That makes sense. I forgot what I wanted to say. Which ancient poem is translated?

The main sentence poem comes from Tao Yuanming's Drinking Five;

Building a house is human, and there are no horses and chariots.

What can you do? The heart is far from being self-centered.

Picking chrysanthemums under the east fence, you can see Nanshan leisurely.

The mountains are getting better and better, and the birds are back.

That makes sense. I forgot what I wanted to say.

The whole poem means: building a house in a place where people come and go, but it will not be disturbed by secular communication.

Ask me why. As long as my mind is far away from the secular world, I will naturally feel that my place is secluded.

Picking chrysanthemums under the east fence, leisurely, Nanshan in the distance comes into view.

In the evening, the scenery of Nanshan is very good, the fog lingers between the peaks and the birds return together.

It contains the true meaning of life. Want to distinguish clearly, but forget how to express.

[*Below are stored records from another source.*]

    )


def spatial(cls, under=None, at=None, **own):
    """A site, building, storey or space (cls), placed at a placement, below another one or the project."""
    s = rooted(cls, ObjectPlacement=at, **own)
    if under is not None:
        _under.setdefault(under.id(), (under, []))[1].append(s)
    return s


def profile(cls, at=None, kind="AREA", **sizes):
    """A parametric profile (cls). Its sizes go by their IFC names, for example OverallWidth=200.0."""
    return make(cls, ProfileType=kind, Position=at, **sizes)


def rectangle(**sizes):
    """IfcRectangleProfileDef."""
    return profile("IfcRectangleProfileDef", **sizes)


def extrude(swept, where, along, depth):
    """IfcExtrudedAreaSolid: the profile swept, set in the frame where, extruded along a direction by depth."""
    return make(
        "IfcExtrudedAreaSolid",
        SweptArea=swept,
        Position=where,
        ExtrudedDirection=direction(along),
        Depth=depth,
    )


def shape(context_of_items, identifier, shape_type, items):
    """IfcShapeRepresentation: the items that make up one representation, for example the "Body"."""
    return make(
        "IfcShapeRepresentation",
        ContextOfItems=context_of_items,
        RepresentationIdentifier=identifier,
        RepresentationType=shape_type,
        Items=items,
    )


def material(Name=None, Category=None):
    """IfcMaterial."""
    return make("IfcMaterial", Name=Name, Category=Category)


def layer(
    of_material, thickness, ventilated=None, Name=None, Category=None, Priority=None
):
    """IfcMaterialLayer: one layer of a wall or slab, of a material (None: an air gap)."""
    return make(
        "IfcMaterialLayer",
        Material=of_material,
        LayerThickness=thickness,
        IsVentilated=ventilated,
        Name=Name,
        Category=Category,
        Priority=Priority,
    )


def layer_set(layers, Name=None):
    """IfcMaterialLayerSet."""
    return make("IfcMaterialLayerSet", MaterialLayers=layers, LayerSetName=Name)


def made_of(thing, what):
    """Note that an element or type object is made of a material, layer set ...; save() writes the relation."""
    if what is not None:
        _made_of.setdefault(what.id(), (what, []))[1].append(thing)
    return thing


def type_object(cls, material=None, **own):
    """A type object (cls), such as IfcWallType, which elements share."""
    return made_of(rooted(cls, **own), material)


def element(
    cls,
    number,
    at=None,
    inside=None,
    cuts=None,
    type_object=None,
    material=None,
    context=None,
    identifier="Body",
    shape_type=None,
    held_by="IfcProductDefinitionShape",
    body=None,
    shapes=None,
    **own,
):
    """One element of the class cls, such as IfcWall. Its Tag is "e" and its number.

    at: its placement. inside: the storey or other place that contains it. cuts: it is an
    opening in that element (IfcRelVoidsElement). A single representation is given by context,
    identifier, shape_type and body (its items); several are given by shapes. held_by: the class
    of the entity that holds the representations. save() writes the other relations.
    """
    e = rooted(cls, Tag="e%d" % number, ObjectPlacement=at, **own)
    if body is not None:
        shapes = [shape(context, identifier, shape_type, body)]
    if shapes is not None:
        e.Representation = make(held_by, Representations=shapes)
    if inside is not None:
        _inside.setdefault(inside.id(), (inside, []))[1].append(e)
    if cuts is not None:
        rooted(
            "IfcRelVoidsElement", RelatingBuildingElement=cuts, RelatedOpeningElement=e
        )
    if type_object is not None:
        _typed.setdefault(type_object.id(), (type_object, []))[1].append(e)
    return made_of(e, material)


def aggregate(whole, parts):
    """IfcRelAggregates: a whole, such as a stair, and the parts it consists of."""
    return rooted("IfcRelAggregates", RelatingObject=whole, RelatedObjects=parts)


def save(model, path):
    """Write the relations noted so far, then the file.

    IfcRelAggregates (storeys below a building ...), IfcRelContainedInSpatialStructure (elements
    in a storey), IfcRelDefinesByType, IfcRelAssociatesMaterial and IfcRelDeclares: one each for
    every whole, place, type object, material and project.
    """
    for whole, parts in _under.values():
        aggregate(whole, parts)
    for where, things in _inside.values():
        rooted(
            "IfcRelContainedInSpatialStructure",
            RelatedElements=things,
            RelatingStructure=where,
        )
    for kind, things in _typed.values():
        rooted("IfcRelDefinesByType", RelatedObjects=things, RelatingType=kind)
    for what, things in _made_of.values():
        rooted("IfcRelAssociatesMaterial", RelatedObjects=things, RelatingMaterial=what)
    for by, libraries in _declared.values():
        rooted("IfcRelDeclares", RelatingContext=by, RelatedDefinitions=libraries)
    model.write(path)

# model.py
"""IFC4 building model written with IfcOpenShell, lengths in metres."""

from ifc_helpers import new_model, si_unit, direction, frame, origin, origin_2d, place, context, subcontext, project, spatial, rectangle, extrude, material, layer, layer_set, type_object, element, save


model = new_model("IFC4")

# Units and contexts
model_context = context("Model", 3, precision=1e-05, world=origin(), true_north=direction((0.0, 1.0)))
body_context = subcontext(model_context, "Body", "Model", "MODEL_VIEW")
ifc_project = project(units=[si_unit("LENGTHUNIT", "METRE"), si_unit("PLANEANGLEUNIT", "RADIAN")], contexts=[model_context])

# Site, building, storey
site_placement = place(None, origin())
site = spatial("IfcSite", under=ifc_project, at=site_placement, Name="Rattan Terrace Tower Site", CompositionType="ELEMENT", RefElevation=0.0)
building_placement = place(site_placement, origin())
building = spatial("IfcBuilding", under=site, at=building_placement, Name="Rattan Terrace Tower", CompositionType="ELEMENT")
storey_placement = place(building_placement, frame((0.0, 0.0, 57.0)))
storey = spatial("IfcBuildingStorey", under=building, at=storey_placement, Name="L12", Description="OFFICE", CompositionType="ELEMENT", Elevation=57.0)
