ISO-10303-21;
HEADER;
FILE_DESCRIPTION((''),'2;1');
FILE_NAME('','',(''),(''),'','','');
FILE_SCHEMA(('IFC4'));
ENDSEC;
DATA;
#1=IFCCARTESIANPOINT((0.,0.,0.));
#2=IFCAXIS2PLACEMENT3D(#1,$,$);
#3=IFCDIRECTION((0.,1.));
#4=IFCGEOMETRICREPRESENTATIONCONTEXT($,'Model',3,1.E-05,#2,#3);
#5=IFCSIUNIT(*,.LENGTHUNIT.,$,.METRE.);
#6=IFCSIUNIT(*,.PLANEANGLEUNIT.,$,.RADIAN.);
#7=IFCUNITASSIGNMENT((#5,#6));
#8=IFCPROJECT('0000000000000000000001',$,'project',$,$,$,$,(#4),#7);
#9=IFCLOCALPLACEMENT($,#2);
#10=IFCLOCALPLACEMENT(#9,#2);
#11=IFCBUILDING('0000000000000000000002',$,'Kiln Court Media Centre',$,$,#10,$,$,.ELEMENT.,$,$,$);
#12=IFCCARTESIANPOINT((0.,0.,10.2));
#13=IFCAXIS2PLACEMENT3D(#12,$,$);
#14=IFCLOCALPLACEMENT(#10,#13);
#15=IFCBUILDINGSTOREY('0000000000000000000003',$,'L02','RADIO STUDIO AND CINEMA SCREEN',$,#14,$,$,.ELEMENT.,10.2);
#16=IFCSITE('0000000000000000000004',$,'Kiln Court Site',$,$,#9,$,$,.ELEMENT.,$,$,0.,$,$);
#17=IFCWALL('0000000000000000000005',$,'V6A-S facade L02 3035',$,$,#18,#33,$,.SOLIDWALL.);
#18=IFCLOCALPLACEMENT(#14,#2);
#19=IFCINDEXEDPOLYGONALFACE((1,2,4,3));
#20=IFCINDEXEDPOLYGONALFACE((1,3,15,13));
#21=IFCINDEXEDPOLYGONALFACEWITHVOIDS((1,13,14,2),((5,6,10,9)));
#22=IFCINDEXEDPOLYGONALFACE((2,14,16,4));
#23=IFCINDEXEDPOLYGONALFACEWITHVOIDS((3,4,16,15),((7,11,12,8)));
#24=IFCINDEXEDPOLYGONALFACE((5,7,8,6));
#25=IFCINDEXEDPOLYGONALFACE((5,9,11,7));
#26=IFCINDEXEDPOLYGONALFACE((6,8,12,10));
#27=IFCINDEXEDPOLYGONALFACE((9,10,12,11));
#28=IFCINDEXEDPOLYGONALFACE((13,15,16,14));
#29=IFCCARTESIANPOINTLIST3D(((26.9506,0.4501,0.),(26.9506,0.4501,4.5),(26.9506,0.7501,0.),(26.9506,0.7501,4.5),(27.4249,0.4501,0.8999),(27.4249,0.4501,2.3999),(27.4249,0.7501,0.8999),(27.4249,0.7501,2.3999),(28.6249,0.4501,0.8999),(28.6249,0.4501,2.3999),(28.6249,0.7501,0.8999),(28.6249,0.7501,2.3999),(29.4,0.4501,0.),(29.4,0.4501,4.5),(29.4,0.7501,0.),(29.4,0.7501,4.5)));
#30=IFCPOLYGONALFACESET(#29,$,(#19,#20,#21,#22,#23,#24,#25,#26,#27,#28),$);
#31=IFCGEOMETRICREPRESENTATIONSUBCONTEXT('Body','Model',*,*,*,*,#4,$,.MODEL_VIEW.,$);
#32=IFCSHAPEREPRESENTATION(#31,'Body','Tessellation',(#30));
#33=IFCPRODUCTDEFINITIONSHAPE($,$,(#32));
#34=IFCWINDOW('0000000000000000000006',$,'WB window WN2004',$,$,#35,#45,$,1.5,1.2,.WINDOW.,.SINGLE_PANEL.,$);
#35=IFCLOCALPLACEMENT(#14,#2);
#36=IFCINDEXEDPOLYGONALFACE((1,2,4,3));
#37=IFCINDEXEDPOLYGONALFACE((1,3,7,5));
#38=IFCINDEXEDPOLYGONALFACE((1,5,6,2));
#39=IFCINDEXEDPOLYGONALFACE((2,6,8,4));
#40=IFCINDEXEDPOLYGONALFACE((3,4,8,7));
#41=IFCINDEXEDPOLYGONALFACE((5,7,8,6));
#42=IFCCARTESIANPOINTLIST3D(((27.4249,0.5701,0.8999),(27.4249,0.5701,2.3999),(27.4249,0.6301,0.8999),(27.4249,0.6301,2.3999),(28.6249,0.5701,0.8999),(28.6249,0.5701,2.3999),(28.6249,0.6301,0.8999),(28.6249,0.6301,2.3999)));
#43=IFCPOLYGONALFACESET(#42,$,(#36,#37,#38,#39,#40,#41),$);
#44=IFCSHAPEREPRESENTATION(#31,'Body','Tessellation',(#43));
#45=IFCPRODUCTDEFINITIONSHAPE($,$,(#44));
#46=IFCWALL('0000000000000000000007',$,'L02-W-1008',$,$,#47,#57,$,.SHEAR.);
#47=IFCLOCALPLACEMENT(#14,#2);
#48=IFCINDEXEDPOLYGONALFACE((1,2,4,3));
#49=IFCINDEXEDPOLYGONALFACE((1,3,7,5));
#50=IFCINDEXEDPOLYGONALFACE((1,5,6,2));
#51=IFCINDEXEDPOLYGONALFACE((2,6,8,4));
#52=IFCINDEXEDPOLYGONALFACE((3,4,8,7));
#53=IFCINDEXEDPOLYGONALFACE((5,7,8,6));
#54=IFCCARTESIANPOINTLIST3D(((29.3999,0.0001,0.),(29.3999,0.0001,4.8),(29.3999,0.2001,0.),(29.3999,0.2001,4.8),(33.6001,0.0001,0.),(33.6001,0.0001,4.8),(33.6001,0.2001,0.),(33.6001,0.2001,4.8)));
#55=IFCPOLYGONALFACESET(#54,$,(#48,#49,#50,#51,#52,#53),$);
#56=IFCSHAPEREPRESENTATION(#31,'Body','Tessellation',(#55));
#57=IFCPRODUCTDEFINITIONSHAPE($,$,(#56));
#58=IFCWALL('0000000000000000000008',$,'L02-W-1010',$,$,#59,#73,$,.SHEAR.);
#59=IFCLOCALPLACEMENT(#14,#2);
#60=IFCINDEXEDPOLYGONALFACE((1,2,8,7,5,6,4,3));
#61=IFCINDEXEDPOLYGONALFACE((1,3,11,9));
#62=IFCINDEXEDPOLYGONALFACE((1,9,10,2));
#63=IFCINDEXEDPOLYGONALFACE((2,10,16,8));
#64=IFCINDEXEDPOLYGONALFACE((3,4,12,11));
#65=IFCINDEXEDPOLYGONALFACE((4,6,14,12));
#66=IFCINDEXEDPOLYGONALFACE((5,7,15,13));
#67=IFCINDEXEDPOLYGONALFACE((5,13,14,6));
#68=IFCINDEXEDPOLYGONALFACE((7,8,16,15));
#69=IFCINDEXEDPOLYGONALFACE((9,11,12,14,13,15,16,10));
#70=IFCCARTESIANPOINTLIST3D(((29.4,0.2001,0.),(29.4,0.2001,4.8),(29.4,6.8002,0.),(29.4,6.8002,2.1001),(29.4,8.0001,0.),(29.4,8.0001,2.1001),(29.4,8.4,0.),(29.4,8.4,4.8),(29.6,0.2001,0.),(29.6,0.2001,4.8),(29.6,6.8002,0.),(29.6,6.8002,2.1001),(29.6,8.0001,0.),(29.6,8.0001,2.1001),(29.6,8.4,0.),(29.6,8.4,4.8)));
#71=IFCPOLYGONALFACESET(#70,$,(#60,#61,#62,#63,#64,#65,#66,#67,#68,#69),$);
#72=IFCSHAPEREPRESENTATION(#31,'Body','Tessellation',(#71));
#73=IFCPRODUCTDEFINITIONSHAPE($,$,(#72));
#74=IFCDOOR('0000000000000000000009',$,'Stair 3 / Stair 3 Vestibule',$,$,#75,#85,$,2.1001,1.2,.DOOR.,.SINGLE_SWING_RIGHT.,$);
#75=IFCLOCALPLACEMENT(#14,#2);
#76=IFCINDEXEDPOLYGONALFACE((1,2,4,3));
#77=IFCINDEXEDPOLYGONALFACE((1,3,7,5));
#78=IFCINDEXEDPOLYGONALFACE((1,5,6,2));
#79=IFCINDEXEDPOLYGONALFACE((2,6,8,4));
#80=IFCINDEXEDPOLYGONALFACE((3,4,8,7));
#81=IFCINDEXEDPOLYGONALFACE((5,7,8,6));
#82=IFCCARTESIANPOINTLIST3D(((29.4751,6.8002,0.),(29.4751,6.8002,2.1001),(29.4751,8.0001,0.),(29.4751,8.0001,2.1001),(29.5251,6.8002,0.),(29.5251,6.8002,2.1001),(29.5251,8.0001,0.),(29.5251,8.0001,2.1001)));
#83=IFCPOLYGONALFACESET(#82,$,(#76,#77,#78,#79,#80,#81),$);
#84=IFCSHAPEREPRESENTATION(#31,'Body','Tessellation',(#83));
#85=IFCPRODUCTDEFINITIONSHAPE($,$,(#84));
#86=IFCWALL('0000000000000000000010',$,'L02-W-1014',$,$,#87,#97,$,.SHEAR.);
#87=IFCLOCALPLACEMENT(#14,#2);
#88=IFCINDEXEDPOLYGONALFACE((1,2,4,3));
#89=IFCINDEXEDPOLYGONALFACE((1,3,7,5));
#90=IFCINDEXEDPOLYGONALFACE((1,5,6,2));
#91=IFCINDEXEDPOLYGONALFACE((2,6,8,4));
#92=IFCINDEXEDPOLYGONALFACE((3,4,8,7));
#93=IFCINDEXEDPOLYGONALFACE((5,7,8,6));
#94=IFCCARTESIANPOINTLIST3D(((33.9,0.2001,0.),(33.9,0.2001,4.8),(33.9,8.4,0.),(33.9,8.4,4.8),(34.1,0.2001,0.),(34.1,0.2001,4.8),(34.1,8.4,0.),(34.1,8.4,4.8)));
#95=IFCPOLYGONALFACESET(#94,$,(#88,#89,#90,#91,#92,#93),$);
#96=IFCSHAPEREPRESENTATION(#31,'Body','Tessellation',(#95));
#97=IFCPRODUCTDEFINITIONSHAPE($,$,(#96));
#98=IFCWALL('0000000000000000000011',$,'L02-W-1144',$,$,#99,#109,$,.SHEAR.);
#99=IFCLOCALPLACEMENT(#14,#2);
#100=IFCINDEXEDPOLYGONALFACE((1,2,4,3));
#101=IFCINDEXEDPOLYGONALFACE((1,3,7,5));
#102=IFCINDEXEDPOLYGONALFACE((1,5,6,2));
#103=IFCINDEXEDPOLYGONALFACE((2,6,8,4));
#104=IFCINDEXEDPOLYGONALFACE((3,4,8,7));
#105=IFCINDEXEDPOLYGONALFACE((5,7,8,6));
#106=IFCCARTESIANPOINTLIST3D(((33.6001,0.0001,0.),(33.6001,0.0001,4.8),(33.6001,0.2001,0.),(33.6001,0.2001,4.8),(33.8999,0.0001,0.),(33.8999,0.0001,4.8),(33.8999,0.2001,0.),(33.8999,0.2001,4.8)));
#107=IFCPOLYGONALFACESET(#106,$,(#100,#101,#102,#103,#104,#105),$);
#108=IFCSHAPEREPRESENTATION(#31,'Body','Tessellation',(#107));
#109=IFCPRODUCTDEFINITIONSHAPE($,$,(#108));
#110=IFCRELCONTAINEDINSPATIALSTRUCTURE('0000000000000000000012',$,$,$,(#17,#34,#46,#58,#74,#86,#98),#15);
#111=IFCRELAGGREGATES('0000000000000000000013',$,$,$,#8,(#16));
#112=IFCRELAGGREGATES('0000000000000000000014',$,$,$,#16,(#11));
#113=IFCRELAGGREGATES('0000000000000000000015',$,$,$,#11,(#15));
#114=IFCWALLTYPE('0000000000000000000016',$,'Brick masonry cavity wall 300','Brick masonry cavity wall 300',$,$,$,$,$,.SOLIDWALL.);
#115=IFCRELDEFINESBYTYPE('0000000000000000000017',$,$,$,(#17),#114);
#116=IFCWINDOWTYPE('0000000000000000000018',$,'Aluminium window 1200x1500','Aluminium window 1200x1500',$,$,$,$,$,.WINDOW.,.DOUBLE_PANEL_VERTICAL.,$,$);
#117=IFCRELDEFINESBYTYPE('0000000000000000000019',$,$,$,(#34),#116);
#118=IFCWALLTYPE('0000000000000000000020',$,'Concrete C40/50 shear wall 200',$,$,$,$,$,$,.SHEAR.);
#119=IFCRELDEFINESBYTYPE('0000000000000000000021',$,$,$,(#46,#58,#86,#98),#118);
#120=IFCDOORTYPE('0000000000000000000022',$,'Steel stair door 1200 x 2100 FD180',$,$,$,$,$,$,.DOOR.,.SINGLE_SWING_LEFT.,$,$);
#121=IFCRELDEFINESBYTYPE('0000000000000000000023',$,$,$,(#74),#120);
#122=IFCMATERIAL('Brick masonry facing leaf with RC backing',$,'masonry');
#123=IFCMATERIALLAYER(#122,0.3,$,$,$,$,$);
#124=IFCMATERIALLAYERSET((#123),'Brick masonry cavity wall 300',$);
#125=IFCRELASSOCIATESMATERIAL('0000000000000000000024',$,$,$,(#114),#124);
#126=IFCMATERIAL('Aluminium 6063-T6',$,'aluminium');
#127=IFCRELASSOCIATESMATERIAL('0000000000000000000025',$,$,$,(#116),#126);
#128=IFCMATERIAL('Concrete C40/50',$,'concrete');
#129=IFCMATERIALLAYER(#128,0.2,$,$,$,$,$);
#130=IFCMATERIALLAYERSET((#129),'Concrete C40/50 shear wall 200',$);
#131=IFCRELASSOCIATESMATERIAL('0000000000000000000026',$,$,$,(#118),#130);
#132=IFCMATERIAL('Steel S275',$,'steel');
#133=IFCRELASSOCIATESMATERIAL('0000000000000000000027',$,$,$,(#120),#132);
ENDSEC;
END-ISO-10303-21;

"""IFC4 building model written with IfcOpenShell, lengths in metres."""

from ifc_helpers import new_model, si_unit, direction, frame, frame_2d, origin, place, context, subcontext, project, spatial, rectangle, extrude, material, layer, layer_set, type_object, element, fill, save


model = new_model("IFC4")

# Units and contexts
model_context = context("Model", 3, precision=1e-05, world=origin(), true_north=direction((0.0, 1.0)))
body_context = subcontext(model_context, "Body", "Model", "MODEL_VIEW")
ifc_project = project(units=[si_unit("LENGTHUNIT", "METRE"), si_unit("PLANEANGLEUNIT", "RADIAN")], contexts=[model_context])

# Site, building, storey
site_placement = place(None, origin())
site = spatial("IfcSite", under=ifc_project, at=site_placement, Name="Kiln Court Site", CompositionType="ELEMENT", RefElevation=0.0)
building_placement = place(site_placement, origin())
building = spatial("IfcBuilding", under=site, at=building_placement, Name="Kiln Court Media Centre", CompositionType="ELEMENT")
storey_placement = place(building_placement, frame((0.0, 0.0, 10.2)))
storey = spatial("IfcBuildingStorey", under=building, at=storey_placement, Name="L02", Description="RADIO STUDIO AND CINEMA SCREEN", CompositionType="ELEMENT", Elevation=10.2)

# Wall, opening, window
ifc_material_1 = material(Name="Brick masonry facing leaf with RC backing", Category="masonry")
ifc_layer_1 = layer(ifc_material_1, 0.3)
ifc_layer_set_1 = layer_set([ifc_layer_1], Name="Brick masonry cavity wall 300")
wall_type_1 = type_object("IfcWallType", Name="Brick masonry cavity wall 300", Description="Brick masonry cavity wall 300", PredefinedType="SOLIDWALL", material=ifc_layer_set_1)
wall_1_placement = place(storey_placement, frame((29.3999, 0.6001, 0.0), z_axis=(0.0, 0.0, 1.0), x_axis=(-1.0, 0.0, 0.0)))
wall_1 = element("IfcWall", 1, at=wall_1_placement, inside=storey, type_object=wall_type_1, Name="V6A-S facade L02 3035", PredefinedType="SOLIDWALL", context=body_context, shape_type="SweptSolid", body=[
    extrude(rectangle(XDim=2.4495, YDim=0.3, at=frame_2d((1.2246, 0.0))), origin(), (0.0, 0.0, 1.0), 4.5),
])
opening_1_placement = place(wall_1_placement, frame((0.7749, 0.0, 0.8999)))
opening_1 = element("IfcOpeningElement", 2, at=opening_1_placement, cuts=wall_1, PredefinedType="OPENING", context=body_context, shape_type="SweptSolid", body=[
    extrude(rectangle(XDim=1.2, YDim=1.5, at=frame_2d((0.6001, 0.75))), frame((0.0, 0.1599, 0.0), z_axis=(0.0, -1.0, 0.0), x_axis=(1.0, 0.0, 0.0)), (0.0, 0.0, 1.0), 0.3201),
])
ifc_material_2 = material(Name="Aluminium 6063-T6", Category="aluminium")
window_type = type_object("IfcWindowType", Name="Aluminium window 1200x1500", Description="Aluminium window 1200x1500", PartitioningType="DOUBLE_PANEL_VERTICAL", PredefinedType="WINDOW", material=ifc_material_2)
window_placement = place(opening_1_placement, origin())
window = element("IfcWindow", 3, at=window_placement, inside=storey, type_object=window_type, Name="WB window WN2004", OverallHeight=1.5, OverallWidth=1.2, PartitioningType="SINGLE_PANEL", PredefinedType="WINDOW", context=body_context, shape_type="SweptSolid", body=[
    extrude(rectangle(XDim=1.2, YDim=1.5, at=frame_2d((0.6001, 0.75))), frame((0.0, 0.03, 0.0), z_axis=(0.0, -1.0, 0.0), x_axis=(1.0, 0.0, 0.0)), (0.0, 0.0, 1.0), 0.0601),
])
fill(opening_1, window)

This poem mainly describes the poet's carefree state of mind after leaving his official post and returning to his hometown, and reflects Tao Yuanming's life attitude and experience that he is determined to abandon the muddy secular fame and return to nature, revel in nature and even step into the realm of "getting carried away". This poem takes "far" as the program and reveals the connotation of "far" in three layers. The first four sentences are about "human condition" and the emptiness and forgetfulness that the spirit transcends the secular. Four sentences are written about the materialized selflessness of looking at the surrounding scenery and immersed in the natural charm. The last two sentences go further, writing "heart", and in the process of confusing things with me, I realized the unspeakable meaning of life. The artistic conception of this poem, from emptiness to oblivion, to materialization and forgetting words, is the most profound and full embodiment of Tao Yuanming's philosophy of natural life and poetic style of returning to nature after his retirement. Wang Guowei said in "Words on Earth": "Without me, we look at things by things, and we don't know what I am and what things are." This poem is the representative work of Tao Yuanming's "The Land Without Me".